Page 148 - Contribution To Phenomenology
P. 148
THE OTHER CULTURE 141
Thus, to exhibit the constitution of the concept "material object" is to
identify the type of intentional experiences which originarily present
something as a material object. It is thus that one says, in phenomen-
ology, that material objects—not these things, but their sense as material
object—are constituted in outer perceptions, not, to be sure, in one single
outer perception, but in a concatenation of them. To return to our
question, we may construe it, then, as: how do we recognize a culture as
a foreign culture? How is a foreign culture given as a foreign one?

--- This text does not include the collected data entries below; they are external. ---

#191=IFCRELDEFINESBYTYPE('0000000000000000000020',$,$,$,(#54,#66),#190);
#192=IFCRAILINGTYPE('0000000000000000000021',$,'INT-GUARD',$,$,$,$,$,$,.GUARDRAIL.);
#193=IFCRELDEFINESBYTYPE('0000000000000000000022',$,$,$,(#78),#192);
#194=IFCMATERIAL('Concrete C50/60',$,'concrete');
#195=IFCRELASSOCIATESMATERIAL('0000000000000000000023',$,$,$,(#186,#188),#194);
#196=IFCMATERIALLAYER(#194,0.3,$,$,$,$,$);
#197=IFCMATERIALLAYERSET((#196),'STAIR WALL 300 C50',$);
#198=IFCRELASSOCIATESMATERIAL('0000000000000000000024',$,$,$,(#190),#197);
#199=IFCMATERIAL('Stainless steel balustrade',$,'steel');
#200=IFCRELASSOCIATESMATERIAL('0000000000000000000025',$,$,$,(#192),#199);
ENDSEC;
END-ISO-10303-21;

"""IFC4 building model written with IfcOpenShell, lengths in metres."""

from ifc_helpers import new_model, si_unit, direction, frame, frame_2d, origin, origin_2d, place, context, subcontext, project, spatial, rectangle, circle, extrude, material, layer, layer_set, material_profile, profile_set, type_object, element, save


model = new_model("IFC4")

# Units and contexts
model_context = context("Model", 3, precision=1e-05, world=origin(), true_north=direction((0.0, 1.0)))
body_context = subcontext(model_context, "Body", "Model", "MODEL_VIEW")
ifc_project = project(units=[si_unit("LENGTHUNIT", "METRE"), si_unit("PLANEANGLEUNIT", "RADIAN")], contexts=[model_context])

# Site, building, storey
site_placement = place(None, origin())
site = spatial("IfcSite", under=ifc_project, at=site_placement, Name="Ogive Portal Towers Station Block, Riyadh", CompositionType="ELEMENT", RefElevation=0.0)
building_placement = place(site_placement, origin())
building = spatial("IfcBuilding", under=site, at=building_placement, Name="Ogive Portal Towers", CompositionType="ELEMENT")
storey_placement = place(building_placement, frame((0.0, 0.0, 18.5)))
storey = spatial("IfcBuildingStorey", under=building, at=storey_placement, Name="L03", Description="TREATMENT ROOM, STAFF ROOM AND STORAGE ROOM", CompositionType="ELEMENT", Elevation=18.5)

There is no problem in recognizing that they, the natives, have a
culture. To perceive them as other egos is to perceive them as having
intentional experiences like mine, as conferring meanings on their
intersubjectively shared world, to perceive them as dying and new ones
as being born, to take them as having a generative history of their own
as we have ours; thus they have their own culture. But what experiences
on our part serve to present their culture as being a "foreign" culture?
There is a spurious notion of "foreign" which, if my arguments are
correct, we need to reject. In that sense of "totally foreign" (and its
correlate "purely ours"), we only presumptively apply those concepts to
their culture (and to ours, respectively). That is the best we can say.
Even these presumptive ascriptions need to be correctly evaluated.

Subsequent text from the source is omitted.